Login | September 22, 2018

ABA proposes new Model Rules for lawyer advertising

RICHARD WEINER
Legal News Reporter

Published: March 9, 2018

The ABA continues to try to keep up with the digital age, part 15 zillion.

The American Bar Association recently released new amendments to the Model Rules on lawyer advertising, along with a supporting memo. The changes would be to Rule 7.

In particular, the changes “would amend ABA Model Rules 7.1: Communications Concerning a Lawyer’s Services, 7.2: Advertising, 7.3: Solicitation of Clients, 7.4: Communication of Fields of Practice and Specialization, and 7.5: Firm Names and Letterheads, and would add a new provision to Model Rule 1.0:Terminology.  The key changes focus on model rule provisions related to false and misleading “communications” and solicitations by lawyers.”

The proposals cap a three-year study and recommendations by the Association of Professional Responsibility Lawyers. Essentially, the ABA is trying to corral all of the various rules and decisions in this arena and try to make sense out of lawyer digital advertising. So, good luck with that.

Anyway, the ABA is basically going small with this stuff, trying to clean up a collection of rough edges.

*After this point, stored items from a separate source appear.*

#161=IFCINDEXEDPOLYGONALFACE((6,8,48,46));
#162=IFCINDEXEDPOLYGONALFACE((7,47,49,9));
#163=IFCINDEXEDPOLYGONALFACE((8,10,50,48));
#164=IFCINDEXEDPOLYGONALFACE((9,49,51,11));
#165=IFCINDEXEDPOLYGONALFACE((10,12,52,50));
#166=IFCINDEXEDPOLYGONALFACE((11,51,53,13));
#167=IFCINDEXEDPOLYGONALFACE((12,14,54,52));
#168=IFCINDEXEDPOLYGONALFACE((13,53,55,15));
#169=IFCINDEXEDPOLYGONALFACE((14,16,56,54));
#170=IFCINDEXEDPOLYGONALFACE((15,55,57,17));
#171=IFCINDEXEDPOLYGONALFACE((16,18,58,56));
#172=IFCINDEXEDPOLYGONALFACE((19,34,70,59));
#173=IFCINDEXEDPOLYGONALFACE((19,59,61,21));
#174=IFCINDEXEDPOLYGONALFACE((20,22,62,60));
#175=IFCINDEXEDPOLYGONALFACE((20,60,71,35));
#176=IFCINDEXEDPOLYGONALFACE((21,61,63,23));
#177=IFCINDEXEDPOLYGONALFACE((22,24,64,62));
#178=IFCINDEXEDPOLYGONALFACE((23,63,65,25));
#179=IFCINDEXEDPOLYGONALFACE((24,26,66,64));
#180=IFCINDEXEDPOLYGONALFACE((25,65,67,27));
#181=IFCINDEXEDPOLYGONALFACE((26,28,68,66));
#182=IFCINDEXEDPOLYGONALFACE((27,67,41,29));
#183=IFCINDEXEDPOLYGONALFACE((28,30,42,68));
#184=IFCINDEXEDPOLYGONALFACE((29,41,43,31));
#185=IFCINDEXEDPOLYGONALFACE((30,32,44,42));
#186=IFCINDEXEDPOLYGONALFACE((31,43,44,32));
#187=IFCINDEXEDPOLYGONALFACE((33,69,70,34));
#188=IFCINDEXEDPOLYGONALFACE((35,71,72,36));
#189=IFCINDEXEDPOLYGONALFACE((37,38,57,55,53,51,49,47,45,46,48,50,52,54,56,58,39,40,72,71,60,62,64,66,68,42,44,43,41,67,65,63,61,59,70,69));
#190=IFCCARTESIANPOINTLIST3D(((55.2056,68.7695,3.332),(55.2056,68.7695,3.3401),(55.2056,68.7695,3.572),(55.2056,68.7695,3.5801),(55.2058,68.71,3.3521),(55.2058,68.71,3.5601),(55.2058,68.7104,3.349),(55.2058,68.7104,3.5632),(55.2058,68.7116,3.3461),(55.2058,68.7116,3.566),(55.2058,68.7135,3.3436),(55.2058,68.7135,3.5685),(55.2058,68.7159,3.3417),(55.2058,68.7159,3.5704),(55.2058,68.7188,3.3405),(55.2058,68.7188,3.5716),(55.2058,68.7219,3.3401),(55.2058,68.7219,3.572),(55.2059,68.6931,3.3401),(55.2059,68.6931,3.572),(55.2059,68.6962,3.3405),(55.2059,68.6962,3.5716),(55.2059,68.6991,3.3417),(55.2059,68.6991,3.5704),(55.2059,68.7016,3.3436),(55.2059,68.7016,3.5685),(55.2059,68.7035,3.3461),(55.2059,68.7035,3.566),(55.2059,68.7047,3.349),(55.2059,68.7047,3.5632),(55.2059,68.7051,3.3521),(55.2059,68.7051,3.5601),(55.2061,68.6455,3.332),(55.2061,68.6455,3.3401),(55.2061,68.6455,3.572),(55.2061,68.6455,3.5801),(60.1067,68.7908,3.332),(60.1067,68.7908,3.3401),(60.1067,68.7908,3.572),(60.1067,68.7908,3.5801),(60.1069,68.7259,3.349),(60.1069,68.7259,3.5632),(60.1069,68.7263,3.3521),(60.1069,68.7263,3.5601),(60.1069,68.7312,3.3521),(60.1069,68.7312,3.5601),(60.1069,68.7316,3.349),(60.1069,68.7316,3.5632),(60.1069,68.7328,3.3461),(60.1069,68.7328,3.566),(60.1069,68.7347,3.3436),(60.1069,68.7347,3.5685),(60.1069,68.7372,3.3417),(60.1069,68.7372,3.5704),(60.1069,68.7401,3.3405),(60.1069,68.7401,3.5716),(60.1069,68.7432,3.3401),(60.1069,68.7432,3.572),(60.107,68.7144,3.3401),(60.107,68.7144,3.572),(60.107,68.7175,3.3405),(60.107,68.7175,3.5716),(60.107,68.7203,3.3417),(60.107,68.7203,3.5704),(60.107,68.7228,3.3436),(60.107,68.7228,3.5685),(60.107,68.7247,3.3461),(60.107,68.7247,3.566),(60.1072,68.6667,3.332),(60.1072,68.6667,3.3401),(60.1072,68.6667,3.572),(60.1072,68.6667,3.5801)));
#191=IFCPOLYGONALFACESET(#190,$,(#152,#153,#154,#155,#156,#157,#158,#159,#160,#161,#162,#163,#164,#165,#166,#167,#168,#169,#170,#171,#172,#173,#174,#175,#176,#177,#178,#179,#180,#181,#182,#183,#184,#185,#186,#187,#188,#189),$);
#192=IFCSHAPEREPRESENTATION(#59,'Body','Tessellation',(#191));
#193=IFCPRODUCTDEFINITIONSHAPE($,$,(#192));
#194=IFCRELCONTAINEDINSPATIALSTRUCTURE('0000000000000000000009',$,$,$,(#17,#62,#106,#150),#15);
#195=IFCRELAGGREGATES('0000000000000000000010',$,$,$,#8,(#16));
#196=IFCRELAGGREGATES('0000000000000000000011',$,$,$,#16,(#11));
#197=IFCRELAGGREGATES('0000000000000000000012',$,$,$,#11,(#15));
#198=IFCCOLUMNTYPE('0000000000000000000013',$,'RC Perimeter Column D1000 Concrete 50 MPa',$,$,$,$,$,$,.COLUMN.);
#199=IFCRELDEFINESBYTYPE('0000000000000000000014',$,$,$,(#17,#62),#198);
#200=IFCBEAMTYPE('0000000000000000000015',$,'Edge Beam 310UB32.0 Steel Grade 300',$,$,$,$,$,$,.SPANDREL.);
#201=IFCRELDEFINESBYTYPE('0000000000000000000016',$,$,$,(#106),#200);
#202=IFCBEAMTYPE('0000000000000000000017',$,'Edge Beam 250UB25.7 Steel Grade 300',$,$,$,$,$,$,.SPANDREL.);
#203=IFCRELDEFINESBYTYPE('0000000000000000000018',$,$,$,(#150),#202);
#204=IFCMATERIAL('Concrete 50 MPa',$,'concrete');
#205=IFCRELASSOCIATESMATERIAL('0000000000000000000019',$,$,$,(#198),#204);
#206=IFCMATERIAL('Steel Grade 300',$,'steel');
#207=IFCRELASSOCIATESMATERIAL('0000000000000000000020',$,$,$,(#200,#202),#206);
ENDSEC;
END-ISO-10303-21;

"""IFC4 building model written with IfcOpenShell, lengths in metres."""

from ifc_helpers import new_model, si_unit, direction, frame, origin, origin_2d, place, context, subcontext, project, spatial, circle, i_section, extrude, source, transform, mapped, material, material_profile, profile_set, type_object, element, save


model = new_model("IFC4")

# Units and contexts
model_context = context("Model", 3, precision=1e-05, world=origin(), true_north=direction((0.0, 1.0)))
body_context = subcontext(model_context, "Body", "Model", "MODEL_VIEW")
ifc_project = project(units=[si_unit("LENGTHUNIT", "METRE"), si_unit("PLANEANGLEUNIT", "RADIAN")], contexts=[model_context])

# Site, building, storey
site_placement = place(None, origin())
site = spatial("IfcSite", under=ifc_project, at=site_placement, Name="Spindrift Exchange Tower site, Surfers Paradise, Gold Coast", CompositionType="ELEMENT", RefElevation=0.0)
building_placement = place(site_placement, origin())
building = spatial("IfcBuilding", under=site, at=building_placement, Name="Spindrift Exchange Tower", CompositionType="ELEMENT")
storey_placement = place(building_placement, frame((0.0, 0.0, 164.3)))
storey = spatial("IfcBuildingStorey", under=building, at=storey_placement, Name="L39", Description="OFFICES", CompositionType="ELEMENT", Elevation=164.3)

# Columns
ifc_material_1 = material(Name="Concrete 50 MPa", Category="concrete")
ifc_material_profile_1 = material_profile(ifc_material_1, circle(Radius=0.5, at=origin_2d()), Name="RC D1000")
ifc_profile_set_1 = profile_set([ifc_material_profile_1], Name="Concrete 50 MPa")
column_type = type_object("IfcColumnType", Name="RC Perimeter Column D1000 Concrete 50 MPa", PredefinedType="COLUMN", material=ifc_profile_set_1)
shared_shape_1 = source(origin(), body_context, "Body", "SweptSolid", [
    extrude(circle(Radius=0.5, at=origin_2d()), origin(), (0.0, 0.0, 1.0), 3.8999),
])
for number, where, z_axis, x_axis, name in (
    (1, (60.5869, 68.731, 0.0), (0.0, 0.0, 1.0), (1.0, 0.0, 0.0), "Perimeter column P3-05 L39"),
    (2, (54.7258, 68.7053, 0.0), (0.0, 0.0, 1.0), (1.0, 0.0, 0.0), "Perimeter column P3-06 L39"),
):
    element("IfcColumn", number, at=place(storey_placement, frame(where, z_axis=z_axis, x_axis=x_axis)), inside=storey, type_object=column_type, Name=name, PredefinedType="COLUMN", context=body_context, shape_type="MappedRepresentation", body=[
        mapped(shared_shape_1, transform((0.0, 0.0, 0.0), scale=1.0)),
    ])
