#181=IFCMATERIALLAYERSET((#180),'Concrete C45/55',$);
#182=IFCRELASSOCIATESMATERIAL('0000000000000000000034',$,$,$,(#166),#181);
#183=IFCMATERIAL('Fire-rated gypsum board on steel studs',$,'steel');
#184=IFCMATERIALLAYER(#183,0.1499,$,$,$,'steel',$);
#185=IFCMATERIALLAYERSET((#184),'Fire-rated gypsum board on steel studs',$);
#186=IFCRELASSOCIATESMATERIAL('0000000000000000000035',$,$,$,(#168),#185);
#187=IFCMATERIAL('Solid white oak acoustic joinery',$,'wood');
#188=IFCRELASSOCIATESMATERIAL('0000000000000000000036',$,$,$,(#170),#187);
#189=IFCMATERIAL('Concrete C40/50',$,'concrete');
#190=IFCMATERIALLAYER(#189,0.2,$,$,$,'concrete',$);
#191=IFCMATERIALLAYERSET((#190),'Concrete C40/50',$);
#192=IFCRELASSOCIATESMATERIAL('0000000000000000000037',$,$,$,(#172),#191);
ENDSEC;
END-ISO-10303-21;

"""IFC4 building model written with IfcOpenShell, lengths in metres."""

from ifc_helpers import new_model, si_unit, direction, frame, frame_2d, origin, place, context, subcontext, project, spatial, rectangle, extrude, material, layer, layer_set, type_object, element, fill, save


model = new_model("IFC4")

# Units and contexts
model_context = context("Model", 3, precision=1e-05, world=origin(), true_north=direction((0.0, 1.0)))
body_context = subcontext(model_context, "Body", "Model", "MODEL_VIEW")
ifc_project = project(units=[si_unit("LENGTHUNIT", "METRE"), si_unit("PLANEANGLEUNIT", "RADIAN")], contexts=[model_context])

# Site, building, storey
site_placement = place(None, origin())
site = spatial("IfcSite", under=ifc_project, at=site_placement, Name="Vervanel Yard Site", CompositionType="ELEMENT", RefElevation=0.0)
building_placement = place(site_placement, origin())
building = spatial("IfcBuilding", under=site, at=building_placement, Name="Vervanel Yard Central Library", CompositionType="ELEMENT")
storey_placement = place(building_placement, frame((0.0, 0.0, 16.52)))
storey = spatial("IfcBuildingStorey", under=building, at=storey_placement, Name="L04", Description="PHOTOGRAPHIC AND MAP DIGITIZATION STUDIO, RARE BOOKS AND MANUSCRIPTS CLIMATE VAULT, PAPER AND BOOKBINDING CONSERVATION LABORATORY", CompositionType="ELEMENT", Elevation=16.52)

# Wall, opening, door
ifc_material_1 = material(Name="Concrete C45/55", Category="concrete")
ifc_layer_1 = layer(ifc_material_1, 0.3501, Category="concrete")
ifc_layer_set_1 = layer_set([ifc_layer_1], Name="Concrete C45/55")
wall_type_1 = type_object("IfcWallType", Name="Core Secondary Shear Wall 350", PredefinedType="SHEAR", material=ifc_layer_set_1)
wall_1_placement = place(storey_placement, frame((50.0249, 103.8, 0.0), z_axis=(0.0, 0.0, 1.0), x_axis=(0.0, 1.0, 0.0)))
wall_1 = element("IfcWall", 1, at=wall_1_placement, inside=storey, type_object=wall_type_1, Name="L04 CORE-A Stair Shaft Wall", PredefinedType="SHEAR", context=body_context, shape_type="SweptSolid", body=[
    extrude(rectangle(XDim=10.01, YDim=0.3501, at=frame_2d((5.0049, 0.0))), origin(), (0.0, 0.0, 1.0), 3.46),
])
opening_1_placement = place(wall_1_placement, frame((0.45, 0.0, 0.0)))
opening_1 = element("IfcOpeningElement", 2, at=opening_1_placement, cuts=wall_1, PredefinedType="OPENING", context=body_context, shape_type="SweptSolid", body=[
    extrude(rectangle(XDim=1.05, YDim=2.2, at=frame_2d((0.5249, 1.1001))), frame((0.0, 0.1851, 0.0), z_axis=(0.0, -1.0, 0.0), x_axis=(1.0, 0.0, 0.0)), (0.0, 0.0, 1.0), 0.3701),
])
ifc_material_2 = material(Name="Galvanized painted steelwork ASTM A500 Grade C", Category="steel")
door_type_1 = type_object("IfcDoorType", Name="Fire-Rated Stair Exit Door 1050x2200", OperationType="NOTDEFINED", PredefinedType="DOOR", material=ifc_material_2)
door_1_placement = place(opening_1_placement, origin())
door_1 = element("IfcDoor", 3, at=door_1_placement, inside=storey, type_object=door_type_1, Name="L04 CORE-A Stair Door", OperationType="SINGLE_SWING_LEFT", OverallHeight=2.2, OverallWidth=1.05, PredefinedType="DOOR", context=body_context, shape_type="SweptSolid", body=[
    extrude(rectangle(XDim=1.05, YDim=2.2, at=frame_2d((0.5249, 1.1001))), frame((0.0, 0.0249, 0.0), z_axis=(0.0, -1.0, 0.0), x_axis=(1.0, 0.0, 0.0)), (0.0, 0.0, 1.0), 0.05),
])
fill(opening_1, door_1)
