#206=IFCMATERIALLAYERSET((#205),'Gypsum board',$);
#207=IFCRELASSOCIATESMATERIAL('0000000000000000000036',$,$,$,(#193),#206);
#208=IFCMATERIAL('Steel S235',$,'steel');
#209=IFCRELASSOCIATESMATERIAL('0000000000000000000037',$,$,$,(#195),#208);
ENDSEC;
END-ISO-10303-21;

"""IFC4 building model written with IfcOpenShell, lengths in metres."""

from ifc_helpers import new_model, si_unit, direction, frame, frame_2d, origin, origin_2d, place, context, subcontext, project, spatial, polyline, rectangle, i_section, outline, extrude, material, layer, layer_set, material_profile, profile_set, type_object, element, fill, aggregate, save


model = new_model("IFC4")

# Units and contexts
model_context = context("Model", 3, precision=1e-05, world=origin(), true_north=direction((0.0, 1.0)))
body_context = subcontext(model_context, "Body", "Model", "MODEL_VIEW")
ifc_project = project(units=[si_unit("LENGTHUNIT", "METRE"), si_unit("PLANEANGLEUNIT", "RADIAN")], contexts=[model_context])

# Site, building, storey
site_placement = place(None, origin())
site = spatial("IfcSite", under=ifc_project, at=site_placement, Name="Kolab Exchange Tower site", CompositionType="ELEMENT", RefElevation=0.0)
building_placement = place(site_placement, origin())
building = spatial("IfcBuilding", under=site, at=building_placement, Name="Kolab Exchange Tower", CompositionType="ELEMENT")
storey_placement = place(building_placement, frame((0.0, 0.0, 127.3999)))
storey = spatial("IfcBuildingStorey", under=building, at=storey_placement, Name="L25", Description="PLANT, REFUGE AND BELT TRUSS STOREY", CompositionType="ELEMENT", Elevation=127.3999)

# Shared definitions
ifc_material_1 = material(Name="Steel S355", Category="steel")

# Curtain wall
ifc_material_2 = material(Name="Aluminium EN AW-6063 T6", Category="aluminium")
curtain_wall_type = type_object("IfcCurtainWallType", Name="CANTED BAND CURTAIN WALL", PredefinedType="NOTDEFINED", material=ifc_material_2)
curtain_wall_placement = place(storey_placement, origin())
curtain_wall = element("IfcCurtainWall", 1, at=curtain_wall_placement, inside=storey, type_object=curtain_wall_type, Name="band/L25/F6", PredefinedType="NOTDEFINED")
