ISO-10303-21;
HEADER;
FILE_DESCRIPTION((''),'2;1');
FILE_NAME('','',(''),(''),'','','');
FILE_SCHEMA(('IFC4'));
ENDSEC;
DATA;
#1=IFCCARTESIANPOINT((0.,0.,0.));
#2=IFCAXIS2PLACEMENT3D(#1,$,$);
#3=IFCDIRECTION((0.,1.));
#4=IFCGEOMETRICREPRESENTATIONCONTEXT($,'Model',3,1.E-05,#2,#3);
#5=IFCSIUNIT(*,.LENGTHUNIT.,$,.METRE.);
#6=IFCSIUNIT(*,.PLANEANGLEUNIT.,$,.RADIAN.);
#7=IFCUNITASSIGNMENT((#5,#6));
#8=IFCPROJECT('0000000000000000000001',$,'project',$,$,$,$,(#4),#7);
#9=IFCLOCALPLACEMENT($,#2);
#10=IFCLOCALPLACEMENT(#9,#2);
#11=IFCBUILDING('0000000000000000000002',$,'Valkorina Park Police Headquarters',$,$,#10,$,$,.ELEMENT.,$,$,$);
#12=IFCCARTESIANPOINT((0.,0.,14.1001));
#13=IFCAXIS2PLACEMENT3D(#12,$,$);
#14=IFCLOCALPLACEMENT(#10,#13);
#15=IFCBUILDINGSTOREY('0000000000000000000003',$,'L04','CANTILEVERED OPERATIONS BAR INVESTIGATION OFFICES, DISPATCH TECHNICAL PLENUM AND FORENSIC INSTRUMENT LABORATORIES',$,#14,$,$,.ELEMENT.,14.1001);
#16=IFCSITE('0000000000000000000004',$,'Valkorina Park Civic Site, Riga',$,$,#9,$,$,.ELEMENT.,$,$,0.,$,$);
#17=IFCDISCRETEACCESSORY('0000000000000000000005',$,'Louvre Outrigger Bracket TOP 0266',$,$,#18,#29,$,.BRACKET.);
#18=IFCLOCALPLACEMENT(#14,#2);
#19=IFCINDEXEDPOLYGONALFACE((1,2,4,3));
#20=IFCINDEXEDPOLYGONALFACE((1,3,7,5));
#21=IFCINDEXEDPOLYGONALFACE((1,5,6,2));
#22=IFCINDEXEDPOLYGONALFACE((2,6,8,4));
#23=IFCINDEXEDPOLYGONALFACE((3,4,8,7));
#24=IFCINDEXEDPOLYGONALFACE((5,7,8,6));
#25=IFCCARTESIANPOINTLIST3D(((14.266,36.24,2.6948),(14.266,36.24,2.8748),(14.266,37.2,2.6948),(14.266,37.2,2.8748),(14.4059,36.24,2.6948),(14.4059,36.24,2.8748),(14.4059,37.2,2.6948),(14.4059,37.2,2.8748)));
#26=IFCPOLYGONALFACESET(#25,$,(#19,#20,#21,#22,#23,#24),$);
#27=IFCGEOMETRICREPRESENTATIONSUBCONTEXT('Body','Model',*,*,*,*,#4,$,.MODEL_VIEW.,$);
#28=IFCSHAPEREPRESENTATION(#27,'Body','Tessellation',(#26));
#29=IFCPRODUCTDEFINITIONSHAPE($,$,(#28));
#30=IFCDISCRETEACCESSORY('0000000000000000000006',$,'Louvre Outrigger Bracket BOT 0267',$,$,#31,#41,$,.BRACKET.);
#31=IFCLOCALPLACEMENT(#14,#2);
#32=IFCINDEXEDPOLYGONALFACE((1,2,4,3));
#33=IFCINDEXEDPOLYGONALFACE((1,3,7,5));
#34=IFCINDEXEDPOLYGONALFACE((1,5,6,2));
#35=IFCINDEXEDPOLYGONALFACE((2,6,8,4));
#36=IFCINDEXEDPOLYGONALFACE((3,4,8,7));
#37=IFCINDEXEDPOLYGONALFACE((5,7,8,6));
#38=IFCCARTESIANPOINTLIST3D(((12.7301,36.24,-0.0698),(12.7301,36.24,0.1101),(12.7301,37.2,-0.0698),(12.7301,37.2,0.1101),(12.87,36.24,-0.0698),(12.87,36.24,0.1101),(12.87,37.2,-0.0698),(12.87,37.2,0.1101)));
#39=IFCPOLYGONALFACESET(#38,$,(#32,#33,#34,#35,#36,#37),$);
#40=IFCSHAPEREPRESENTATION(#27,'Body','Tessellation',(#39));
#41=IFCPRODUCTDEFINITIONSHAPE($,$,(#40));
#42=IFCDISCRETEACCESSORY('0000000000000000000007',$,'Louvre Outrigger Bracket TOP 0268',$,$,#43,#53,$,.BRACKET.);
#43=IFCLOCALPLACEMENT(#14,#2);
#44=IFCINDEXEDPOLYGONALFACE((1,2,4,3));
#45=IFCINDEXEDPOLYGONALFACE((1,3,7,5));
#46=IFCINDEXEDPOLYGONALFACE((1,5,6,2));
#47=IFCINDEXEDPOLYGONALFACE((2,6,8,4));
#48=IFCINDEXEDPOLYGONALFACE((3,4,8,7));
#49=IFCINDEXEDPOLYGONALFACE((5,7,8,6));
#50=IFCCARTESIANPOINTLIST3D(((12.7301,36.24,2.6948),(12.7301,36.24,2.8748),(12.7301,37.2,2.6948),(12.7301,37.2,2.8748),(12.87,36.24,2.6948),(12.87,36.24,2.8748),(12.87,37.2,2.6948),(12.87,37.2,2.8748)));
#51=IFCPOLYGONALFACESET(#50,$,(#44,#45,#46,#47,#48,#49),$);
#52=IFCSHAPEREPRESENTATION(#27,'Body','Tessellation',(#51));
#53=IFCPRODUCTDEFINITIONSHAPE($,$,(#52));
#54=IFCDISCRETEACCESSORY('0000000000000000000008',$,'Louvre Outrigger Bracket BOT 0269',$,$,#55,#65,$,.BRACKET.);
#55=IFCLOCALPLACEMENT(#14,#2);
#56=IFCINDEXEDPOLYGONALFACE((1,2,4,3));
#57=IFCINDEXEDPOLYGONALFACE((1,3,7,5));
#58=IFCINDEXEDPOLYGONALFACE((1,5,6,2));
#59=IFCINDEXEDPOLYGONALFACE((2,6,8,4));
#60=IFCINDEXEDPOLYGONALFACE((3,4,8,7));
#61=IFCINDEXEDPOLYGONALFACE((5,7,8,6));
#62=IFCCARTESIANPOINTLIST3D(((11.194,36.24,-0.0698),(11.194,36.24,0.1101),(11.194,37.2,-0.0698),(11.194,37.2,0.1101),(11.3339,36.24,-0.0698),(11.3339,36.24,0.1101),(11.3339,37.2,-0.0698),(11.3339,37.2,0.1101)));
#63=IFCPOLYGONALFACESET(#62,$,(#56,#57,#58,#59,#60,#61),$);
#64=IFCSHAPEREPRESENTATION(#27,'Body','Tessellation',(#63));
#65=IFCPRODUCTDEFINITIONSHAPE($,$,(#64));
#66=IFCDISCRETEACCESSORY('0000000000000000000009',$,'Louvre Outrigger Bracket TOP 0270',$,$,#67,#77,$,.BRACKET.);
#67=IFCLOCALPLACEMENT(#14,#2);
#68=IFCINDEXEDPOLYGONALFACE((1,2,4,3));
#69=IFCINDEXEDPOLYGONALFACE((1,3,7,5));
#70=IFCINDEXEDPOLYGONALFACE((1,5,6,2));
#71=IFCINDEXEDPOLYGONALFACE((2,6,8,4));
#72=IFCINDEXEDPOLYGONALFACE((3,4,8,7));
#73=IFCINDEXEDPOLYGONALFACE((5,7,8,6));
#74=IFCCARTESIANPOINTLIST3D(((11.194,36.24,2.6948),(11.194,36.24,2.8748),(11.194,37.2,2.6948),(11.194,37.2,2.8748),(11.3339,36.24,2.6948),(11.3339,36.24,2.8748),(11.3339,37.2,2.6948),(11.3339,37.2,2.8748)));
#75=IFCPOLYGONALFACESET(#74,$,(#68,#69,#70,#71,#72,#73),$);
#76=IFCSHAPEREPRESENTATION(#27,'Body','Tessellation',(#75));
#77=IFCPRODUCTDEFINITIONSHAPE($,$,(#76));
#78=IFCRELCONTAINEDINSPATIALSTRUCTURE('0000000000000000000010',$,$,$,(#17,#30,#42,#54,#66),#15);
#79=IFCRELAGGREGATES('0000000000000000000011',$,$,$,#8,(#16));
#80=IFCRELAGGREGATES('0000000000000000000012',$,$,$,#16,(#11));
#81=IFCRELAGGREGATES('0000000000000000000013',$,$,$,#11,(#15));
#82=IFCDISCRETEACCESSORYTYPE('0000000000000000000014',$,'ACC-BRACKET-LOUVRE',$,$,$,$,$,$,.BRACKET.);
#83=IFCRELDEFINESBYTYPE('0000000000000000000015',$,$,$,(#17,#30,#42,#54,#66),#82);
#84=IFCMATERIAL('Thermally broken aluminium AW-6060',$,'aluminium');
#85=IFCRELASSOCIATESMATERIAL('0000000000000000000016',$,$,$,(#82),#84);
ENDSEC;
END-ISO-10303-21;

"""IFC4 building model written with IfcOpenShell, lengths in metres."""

from ifc_helpers import new_model, si_unit, direction, frame, origin, origin_2d, place, context, subcontext, project, spatial, rectangle, extrude, material, type_object, element, save


model = new_model("IFC4")

# Units and contexts
model_context = context("Model", 3, precision=1e-05, world=origin(), true_north=direction((0.0, 1.0)))
body_context = subcontext(model_context, "Body", "Model", "MODEL_VIEW")
ifc_project = project(units=[si_unit("LENGTHUNIT", "METRE"), si_unit("PLANEANGLEUNIT", "RADIAN")], contexts=[model_context])

# Site, building, storey
site_placement = place(None, origin())
site = spatial("IfcSite", under=ifc_project, at=site_placement, Name="Valkorina Park Civic Site, Riga", CompositionType="ELEMENT", RefElevation=0.0)
building_placement = place(site_placement, origin())
building = spatial("IfcBuilding", under=site, at=building_placement, Name="Valkorina Park Police Headquarters", CompositionType="ELEMENT")
storey_placement = place(building_placement, frame((0.0, 0.0, 14.1001)))
storey = spatial("IfcBuildingStorey", under=building, at=storey_placement, Name="L04", Description="CANTILEVERED OPERATIONS BAR INVESTIGATION OFFICES, DISPATCH TECHNICAL PLENUM AND FORENSIC INSTRUMENT LABORATORIES", CompositionType="ELEMENT", Elevation=14.1001)

# Shared definitions
ifc_material_1 = material(Name="Thermally broken aluminium AW-6060", Category="aluminium")

# Discrete accessories
discrete_accessory_type = type_object("IfcDiscreteAccessoryType", Name="ACC-BRACKET-LOUVRE", PredefinedType="BRACKET", material=ifc_material_1)
for number, where, z_axis, x_axis, name in (
    (1, (14.3359, 36.72, 2.6948), (0.0, 0.0, 1.0), (0.0, -1.0, 0.0), "Louvre Outrigger Bracket TOP 0266"),
    (2, (12.8, 36.72, -0.0698), (0.0, 0.0, 1.0), (0.0, -1.0, 0.0), "Louvre Outrigger Bracket BOT 0267"),
    (3, (12.8, 36.72, 2.6948), (0.0, 0.0, 1.0), (0.0, -1.0, 0.0), "Louvre Outrigger Bracket TOP 0268"),
    (4, (11.2639, 36.72, -0.0698), (0.0, 0.0, 1.0), (0.0, -1.0, 0.0), "Louvre Outrigger Bracket BOT 0269"),
    (5, (11.2639, 36.72, 2.6948), (0.0, 0.0, 1.0), (0.0, -1.0, 0.0), "Louvre Outrigger Bracket TOP 0270"),
):
    element("IfcDiscreteAccessory", number, at=place(storey_placement, frame(where, z_axis=z_axis, x_axis=x_axis)), inside=storey, type_object=discrete_accessory_type, Name=name, PredefinedType="BRACKET", context=body_context, shape_type="SweptSolid", body=[
        extrude(rectangle(XDim=0.96, YDim=0.1399, at=origin_2d()), origin(), (0.0, 0.0, 1.0), 0.1799),
    ])

save(model, "model.ifc")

A few things. “Live solicitation” via Skype, etc. would be prohibited (unless the object of the solicitation is a Skype power user or something).

Ambulance chasing after-accident brochures would no longer have to labeled “lawyer advertising,” saving lots of bright red ink.

Lawyers would now be able to give people small gifts without those gifts being tagged as rewards for potential referrals.

The proposed amendment would eliminate the need to list a street address for the lawyer or firm, and only require “contact information” on solicitations.

Lawyers would be able to call themselves “specialists” in a practice area without having to be certified as such.

One analysis of the changes, by Karen Rubin at Thompson Hine, points to an area not covered by the proposed amendments, which she calls the “elephant in the room” of third-party referral fees from services like Avvo. Several Avvo services handle referrals and fees, and then charge back referral fees to the lawyer. A few states have had a problem with that kind of arrangement, but the proposed rules remain silent, and some of the language may actually allow such fees, according to Rubin’s analysis.